Often called layer 2 protocols, data link protocols exist in the protocol layer just above the physical layer relative to the OSI protocol model. Data link protocols provide communication between two devices. Because there are many different ways to connect devices, there are many different data link protocols. The defining factors are

  • Dedicated point-to-point links between two devices, such as modem, bridges, or routers
  • Shared media links in which multiple devices share the same cable (i.e., Ethernet LAN)

The PPP (Point-to-Point Protocol) that people use to connect to the Internet via a dial-up modem is an example of a data link protocol. Because the link between two systems is point to point, the bits are always delivered from sender to receiver in order. Also, unlike shared-media LANs in which multiple stations attempt to use the network, there is no contention.

Data link protocols may provide any of the following services:

  • Framing - Data is broken up into frames that are transmitted as independent units. If errors are detected in a frame, it is only necessary to retransmit that frame.
  • Session setup and termination - For reliable services, session control messages are used by end systems to exchange status information about the session.
  • Error detection - Determines whether a frame has been delivered accurately. A checksum is calculated on a frame by the sender, and the receiver must perform the same calculation and come up with the same checksum. If not, the frame is considered corrupted.

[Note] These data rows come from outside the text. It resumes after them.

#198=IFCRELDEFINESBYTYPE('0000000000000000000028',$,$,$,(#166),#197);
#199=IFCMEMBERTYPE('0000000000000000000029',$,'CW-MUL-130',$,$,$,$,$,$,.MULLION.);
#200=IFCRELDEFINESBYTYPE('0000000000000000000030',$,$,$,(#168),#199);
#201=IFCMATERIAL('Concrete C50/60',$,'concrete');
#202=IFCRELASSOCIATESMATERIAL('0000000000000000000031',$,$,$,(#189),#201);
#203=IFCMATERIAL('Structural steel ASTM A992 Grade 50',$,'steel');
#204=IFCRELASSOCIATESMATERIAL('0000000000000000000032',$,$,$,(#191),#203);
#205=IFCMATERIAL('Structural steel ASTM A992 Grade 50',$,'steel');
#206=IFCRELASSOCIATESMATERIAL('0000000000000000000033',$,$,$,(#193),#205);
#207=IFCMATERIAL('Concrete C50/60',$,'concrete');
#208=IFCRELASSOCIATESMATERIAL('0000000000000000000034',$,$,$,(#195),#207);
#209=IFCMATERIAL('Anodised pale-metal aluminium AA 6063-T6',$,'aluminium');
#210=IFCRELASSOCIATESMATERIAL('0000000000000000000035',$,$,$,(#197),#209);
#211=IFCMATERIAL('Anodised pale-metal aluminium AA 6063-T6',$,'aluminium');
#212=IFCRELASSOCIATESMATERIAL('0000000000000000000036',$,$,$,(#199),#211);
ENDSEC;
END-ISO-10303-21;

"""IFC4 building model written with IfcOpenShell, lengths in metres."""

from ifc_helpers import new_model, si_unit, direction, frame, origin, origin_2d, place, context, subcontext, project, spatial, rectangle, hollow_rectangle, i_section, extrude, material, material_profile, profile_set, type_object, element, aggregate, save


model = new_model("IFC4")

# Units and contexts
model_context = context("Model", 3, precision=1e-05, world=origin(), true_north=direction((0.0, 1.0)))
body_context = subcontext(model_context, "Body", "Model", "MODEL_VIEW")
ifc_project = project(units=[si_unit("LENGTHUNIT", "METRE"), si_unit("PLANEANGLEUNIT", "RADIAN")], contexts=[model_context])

If reliable services are being used, the frame is retransmitted. For nonreliable services, the frame is dropped and upper-layer protocols are relied on to handle the problem.
  • Addressing on a multipoint medium such as a LAN - A computer's address is usually the hardwired address of the NIC (network interface card).
  • Flow control - A technique that prevents the sender from sending more, overflowing the receiver with more data than it can handle.

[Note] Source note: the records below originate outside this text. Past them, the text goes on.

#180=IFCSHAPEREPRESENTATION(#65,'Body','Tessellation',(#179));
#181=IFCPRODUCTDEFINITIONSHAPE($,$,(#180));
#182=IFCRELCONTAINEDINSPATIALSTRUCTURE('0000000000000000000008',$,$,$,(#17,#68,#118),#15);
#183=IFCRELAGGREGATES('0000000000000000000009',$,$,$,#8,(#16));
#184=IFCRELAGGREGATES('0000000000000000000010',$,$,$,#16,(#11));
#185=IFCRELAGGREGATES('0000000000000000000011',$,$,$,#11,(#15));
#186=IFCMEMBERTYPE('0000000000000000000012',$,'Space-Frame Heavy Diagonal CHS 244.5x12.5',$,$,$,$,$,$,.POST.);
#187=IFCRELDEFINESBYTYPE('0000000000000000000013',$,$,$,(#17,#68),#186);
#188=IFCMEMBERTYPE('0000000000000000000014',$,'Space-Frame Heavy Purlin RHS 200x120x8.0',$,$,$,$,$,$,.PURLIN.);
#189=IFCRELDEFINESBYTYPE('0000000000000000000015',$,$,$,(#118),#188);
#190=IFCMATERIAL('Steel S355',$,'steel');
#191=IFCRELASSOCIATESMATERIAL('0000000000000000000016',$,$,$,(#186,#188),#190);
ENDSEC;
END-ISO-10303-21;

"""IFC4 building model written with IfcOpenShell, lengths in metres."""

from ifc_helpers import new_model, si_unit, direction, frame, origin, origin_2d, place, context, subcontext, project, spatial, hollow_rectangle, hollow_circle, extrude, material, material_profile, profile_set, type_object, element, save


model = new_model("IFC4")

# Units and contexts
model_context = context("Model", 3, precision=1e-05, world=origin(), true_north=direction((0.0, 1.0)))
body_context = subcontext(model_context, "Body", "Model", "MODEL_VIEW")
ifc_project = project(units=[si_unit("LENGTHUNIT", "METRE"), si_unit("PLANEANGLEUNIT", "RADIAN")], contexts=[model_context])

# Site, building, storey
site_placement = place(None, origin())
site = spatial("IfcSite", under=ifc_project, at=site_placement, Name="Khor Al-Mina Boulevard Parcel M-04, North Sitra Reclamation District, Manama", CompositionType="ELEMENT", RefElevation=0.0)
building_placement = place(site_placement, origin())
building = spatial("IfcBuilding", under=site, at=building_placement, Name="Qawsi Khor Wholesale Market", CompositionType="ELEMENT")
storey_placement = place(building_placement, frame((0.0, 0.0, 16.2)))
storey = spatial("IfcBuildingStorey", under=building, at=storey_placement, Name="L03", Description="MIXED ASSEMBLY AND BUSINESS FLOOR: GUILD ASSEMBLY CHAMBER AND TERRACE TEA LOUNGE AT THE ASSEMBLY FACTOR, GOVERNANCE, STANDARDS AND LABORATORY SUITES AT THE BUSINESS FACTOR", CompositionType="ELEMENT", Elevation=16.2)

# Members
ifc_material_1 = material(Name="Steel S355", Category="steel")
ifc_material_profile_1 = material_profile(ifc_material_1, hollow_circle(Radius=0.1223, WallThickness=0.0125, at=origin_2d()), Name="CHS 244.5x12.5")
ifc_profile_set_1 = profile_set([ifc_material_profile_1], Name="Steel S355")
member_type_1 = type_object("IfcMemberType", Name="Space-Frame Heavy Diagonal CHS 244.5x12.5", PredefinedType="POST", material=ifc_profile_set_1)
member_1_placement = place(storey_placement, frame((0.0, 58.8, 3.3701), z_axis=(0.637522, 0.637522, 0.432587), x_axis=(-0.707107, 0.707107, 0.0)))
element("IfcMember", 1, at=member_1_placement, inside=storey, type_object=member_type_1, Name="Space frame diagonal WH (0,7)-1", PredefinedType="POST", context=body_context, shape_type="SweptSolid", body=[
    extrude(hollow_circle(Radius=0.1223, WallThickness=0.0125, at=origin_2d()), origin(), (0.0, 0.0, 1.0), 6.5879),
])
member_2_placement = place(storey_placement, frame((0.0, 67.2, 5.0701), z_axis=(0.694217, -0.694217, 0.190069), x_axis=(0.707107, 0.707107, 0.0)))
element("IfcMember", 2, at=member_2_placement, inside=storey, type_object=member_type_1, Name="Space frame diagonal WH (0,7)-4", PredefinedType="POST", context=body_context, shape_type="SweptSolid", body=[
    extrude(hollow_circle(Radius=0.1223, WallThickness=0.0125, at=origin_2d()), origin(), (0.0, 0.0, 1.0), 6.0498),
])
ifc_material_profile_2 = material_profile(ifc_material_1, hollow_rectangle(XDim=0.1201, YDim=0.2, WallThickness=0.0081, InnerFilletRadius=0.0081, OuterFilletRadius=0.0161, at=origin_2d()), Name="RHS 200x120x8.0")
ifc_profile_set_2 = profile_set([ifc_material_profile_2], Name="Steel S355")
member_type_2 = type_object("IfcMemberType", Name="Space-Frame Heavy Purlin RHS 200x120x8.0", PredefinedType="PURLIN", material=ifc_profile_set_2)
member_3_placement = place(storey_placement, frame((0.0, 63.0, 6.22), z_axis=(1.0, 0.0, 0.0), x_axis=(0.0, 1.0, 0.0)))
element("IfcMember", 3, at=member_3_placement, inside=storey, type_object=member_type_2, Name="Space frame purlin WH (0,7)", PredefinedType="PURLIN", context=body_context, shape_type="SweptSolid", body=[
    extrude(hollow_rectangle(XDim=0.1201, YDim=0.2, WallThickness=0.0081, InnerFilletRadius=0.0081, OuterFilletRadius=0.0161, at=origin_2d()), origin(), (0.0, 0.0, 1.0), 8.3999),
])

Reliable services were essential in the days of dumb terminals that did not have the capabilities to perform error or frame checking. Today, end systems have their own processing power, so reliability services are not essential in the network itself. Instead, reliable services are executed on end systems. TCP is a reliable transport layer protocols that can replace network- level reliability services.

Common Data Link Protocols
The most common data link level protocols are listed here with a short description. Note that most of these data link protocol are used for WAN and Modem Connections. LLC is a LAN data link protocol.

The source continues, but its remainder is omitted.